# pandas Lesson

This is a **Jupyter Notebook**, a common programming application used for data science.

This is a **Markdown** cell (Cell > Cell Type > Markdown). It is used for formatting text to make the document more accessible.
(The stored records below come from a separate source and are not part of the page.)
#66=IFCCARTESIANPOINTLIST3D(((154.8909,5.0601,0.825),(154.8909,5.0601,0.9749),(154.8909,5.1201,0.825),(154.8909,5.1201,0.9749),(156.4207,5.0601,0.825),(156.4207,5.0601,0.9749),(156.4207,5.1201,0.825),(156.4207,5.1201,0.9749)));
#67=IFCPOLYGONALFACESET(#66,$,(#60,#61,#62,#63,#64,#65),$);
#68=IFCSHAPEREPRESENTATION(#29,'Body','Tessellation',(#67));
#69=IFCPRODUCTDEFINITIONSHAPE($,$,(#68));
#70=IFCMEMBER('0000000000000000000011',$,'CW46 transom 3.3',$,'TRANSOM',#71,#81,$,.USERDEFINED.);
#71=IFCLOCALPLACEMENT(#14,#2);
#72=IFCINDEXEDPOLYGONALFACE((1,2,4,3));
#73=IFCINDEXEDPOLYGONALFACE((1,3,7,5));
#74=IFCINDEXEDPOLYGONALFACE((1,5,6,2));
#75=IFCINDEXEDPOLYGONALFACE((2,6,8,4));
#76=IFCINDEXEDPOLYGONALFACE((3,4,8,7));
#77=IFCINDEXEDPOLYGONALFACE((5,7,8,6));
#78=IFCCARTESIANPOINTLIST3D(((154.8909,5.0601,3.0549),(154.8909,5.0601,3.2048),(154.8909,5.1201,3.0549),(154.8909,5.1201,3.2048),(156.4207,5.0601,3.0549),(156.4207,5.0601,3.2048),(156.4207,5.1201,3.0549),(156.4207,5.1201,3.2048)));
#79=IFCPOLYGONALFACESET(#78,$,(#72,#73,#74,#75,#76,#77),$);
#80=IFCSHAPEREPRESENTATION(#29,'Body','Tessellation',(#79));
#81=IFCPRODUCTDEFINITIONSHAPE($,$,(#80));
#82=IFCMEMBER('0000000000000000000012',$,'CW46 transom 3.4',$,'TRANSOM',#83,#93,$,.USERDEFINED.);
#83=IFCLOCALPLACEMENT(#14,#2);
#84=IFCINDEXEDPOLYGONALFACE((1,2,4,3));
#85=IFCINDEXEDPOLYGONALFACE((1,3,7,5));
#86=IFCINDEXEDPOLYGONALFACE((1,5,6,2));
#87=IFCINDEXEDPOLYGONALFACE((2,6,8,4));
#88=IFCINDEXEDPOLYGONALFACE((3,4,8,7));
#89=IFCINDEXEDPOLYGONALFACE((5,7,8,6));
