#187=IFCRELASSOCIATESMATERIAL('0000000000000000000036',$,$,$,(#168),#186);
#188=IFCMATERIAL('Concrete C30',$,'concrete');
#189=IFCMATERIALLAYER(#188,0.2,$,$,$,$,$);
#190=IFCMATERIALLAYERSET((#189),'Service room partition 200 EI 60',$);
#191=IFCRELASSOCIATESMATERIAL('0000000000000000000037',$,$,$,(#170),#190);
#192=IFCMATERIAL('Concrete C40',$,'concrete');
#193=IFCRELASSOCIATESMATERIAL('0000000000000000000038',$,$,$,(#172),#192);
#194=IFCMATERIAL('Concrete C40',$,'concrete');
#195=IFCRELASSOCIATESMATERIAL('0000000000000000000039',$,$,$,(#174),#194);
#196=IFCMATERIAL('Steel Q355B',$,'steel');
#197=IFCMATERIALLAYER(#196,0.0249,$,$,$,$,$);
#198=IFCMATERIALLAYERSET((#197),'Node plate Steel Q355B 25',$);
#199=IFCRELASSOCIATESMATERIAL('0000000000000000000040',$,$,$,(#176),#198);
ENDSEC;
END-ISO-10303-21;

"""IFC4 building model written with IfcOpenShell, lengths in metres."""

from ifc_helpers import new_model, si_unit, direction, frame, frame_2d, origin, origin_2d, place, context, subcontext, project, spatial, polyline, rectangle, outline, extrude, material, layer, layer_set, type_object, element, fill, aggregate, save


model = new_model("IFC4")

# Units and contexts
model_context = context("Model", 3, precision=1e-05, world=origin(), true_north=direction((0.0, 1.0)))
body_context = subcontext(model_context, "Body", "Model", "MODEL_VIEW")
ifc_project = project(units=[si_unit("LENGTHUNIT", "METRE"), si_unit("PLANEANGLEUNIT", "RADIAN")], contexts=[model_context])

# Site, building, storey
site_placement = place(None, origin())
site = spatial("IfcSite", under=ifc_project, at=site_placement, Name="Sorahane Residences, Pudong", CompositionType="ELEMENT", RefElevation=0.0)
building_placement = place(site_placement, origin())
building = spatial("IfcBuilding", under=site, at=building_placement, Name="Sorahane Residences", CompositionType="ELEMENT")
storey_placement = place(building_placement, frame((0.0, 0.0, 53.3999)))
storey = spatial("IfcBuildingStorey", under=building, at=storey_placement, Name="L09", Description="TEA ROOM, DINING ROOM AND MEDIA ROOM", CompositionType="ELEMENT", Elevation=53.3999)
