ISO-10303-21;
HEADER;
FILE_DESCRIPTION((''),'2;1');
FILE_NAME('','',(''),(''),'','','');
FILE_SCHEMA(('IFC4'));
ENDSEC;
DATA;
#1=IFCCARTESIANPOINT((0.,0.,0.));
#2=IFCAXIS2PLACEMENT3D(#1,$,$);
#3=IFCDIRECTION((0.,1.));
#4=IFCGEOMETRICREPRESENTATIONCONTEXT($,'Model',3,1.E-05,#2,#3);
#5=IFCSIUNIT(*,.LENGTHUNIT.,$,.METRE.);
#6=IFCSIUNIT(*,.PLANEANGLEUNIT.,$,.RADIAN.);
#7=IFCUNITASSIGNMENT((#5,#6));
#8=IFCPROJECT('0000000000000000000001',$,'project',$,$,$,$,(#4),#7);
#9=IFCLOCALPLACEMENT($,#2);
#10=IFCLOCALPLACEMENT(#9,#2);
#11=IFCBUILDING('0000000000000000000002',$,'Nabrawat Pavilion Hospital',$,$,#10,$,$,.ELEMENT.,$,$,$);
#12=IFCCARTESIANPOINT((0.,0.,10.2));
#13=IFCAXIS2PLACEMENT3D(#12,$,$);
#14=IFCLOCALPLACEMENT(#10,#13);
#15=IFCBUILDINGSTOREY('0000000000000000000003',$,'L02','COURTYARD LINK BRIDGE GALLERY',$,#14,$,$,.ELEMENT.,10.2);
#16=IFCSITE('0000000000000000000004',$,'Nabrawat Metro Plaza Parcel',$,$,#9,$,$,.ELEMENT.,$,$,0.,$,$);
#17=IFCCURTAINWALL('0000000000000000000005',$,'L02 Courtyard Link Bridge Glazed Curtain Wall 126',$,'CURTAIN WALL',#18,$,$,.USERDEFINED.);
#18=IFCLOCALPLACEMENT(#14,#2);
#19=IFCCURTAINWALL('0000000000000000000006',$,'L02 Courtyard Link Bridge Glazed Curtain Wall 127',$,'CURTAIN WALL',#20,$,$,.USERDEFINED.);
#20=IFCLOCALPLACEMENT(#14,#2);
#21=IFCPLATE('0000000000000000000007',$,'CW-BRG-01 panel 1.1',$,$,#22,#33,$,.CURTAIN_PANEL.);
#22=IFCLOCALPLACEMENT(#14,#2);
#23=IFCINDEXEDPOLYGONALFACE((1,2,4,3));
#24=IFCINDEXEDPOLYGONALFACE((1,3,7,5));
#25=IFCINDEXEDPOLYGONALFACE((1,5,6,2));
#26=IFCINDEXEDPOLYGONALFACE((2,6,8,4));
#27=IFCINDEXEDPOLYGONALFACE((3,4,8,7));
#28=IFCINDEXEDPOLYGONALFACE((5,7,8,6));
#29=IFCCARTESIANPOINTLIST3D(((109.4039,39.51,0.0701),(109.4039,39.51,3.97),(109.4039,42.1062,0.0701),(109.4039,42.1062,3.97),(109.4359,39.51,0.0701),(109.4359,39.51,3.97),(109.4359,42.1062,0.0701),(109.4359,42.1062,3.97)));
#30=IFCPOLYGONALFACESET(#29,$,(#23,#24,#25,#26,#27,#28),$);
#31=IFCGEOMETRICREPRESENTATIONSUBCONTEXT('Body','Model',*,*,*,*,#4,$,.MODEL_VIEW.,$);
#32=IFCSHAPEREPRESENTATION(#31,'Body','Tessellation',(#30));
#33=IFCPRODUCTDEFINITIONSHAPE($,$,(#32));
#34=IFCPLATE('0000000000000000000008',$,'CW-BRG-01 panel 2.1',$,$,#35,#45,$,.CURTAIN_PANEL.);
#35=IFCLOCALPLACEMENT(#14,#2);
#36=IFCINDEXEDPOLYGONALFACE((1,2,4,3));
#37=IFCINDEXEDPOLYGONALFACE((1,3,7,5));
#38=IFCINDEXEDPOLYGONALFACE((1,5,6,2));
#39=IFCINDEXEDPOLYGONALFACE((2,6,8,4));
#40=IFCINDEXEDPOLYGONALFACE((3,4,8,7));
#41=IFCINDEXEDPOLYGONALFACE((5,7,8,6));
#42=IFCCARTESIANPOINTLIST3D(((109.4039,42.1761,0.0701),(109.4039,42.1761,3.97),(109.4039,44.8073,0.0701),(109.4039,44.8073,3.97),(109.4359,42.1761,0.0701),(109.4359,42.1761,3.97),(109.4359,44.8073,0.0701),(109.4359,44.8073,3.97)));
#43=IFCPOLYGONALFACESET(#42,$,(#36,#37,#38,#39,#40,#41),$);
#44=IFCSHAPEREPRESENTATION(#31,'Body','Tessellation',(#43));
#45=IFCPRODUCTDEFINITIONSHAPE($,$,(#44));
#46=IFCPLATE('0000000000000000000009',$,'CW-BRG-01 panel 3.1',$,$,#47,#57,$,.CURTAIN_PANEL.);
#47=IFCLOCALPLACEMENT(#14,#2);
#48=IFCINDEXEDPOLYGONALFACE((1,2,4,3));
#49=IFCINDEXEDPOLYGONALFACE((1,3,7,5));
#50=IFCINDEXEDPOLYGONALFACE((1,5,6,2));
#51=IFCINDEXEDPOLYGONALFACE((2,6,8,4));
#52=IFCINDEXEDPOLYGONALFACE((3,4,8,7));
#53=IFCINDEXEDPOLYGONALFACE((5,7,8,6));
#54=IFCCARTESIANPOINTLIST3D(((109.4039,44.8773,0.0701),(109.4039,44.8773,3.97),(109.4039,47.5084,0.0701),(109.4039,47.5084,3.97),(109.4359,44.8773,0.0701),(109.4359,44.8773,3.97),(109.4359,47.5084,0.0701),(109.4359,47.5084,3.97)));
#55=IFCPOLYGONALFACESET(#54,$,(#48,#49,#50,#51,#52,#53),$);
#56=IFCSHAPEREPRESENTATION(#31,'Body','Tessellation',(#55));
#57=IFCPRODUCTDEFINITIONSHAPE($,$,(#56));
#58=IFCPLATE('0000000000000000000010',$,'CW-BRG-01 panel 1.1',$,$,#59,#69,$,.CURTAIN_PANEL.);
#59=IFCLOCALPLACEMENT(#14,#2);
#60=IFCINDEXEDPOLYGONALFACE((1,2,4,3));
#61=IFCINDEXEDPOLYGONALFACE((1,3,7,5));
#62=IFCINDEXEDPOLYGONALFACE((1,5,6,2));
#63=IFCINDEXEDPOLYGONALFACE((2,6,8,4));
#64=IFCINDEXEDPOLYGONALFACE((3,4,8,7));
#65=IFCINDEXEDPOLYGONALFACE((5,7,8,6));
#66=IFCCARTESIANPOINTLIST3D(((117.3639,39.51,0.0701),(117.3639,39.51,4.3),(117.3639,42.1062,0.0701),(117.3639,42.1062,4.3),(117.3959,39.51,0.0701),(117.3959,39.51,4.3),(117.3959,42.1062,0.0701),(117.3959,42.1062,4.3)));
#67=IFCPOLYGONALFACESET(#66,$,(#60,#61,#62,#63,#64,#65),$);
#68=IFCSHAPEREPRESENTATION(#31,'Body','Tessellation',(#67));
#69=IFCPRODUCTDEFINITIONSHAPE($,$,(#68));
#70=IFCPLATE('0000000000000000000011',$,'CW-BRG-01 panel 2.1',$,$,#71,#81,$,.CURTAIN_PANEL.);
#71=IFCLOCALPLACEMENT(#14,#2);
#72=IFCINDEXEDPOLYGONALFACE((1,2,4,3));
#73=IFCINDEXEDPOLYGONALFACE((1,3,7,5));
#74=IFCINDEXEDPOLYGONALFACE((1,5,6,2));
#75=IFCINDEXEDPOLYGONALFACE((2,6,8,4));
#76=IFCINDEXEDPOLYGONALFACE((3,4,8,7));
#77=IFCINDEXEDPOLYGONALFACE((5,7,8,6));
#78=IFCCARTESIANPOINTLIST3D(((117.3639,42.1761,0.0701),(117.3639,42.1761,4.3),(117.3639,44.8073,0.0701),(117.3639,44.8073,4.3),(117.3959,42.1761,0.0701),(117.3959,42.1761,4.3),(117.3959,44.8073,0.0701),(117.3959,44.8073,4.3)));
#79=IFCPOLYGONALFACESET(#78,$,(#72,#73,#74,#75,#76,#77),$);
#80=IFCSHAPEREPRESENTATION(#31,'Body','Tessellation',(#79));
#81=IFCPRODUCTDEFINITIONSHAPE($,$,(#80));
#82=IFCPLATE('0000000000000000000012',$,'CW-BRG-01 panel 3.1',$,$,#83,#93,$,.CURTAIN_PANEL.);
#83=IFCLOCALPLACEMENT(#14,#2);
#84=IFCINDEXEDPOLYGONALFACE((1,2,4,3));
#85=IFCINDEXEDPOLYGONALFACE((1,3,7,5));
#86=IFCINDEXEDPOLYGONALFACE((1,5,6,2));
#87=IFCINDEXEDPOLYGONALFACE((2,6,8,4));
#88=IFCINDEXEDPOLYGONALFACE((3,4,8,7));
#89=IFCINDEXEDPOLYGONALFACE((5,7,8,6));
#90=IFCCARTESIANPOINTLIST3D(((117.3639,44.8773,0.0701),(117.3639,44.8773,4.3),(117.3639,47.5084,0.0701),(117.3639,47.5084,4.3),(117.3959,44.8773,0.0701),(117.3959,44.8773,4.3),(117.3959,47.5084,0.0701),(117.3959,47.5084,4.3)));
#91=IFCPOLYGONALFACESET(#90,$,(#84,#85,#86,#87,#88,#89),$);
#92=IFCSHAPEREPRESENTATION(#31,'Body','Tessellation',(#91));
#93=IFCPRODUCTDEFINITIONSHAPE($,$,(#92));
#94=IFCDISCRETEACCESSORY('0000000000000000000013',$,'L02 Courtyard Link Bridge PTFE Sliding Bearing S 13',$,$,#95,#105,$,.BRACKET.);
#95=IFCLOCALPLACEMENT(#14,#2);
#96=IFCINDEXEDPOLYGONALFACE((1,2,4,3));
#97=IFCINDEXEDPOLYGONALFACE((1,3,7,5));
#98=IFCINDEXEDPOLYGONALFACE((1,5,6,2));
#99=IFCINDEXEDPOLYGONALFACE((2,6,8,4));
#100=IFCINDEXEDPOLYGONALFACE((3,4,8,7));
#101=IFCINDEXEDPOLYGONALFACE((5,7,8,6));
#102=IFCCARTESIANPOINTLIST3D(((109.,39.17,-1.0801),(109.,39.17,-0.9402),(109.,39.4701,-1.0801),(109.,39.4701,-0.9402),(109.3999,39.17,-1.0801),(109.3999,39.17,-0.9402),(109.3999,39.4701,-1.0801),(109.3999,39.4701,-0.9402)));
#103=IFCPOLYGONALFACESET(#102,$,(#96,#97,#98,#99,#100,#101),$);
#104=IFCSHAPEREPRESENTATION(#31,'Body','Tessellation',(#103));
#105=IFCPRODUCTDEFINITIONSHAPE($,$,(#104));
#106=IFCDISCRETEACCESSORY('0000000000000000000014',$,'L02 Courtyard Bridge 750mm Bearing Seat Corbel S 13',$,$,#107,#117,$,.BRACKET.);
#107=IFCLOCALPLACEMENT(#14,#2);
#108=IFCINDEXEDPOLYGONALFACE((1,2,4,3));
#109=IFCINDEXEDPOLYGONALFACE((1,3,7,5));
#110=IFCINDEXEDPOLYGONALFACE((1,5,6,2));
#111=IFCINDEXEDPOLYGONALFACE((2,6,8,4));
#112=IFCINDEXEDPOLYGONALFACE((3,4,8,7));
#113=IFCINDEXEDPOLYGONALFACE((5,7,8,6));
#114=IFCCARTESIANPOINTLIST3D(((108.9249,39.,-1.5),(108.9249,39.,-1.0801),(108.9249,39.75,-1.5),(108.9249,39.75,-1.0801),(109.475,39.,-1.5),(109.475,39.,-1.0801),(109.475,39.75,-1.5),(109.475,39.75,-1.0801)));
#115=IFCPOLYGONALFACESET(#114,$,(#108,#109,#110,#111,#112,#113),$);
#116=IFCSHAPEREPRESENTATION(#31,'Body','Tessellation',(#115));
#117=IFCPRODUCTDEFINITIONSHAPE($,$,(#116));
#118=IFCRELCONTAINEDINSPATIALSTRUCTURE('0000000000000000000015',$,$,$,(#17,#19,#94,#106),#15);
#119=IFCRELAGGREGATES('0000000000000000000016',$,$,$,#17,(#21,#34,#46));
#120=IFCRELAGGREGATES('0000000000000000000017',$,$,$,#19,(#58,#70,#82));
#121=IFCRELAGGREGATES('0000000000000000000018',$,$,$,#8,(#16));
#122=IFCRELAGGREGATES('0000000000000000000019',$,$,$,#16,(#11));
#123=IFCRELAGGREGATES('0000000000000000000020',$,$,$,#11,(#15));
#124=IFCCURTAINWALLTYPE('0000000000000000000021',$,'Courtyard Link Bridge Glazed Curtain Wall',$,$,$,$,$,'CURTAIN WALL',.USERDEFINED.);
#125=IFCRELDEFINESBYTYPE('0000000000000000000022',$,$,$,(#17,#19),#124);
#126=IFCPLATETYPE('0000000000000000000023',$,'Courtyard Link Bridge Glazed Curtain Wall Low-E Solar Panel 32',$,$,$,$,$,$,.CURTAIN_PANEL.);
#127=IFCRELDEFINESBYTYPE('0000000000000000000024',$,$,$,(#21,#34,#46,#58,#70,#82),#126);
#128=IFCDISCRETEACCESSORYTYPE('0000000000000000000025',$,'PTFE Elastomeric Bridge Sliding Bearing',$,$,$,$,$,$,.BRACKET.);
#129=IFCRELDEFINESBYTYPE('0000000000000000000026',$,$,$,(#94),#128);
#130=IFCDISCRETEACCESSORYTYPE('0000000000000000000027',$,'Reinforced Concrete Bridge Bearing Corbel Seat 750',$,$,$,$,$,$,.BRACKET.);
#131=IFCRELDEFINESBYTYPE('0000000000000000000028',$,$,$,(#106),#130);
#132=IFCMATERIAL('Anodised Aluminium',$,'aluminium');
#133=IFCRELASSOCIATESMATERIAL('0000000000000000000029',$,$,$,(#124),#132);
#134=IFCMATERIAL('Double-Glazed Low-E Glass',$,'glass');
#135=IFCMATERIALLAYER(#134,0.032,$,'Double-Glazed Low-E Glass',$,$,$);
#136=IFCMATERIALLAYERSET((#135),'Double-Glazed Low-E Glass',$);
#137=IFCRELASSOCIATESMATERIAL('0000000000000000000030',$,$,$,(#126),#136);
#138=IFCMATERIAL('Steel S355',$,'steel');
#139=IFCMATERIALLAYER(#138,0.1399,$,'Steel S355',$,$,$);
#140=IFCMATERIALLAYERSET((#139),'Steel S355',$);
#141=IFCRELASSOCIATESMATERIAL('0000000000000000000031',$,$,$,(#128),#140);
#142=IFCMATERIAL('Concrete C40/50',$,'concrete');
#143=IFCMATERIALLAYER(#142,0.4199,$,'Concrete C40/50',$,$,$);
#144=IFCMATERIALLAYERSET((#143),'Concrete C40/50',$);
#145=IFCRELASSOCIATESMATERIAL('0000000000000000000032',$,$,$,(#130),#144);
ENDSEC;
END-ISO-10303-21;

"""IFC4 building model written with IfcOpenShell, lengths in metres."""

from ifc_helpers import new_model, si_unit, direction, frame, origin, origin_2d, place, context, subcontext, project, spatial, rectangle, extrude, material, layer, layer_set, type_object, element, aggregate, save


model = new_model("IFC4")

# Units and contexts
model_context = context("Model", 3, precision=1e-05, world=origin(), true_north=direction((0.0, 1.0)))
body_context = subcontext(model_context, "Body", "Model", "MODEL_VIEW")
ifc_project = project(units=[si_unit("LENGTHUNIT", "METRE"), si_unit("PLANEANGLEUNIT", "RADIAN")], contexts=[model_context])

# Site, building, storey
site_placement = place(None, origin())
site = spatial("IfcSite", under=ifc_project, at=site_placement, Name="Nabrawat Metro Plaza Parcel", CompositionType="ELEMENT", RefElevation=0.0)
building_placement = place(site_placement, origin())
building = spatial("IfcBuilding", under=site, at=building_placement, Name="Nabrawat Pavilion Hospital", CompositionType="ELEMENT")
storey_placement = place(building_placement, frame((0.0, 0.0, 10.2)))
storey = spatial("IfcBuildingStorey", under=building, at=storey_placement, Name="L02", Description="COURTYARD LINK BRIDGE GALLERY", CompositionType="ELEMENT", Elevation=10.2)

# Shared definitions
ifc_material_1 = material(Name="Steel S355", Category="steel")

# Curtain walls
ifc_material_2 = material(Name="Anodised Aluminium", Category="aluminium")
curtain_wall_type = type_object("IfcCurtainWallType", Name="Courtyard Link Bridge Glazed Curtain Wall", ElementType="CURTAIN WALL", PredefinedType="USERDEFINED", material=ifc_material_2)
curtain_wall_1_placement = place(storey_placement, origin())
curtain_wall_1 = element("IfcCurtainWall", 1, at=curtain_wall_1_placement, inside=storey, type_object=curtain_wall_type, Name="L02 Courtyard Link Bridge Glazed Curtain Wall 126", ObjectType="CURTAIN WALL", PredefinedType="USERDEFINED")
curtain_wall_2_placement = place(storey_placement, origin())
curtain_wall_2 = element("IfcCurtainWall", 2, at=curtain_wall_2_placement, inside=storey, type_object=curtain_wall_type, Name="L02 Courtyard Link Bridge Glazed Curtain Wall 127", ObjectType="CURTAIN WALL", PredefinedType="USERDEFINED")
1. Link to [Class Notes: 7-pandas](https://docs.google.com/document/d/19L1LDqZqwkQqtb6CUZjj5LzNL2aJoRYPrl6svX4Uvdo/edit)
2. Link to [pandas Cheat Sheet](https://pandas.pydata.org/Pandas_Cheat_Sheet.pdf)
3. Link to [Markdown Guide](https://www.markdownguide.org/cheat-sheet/)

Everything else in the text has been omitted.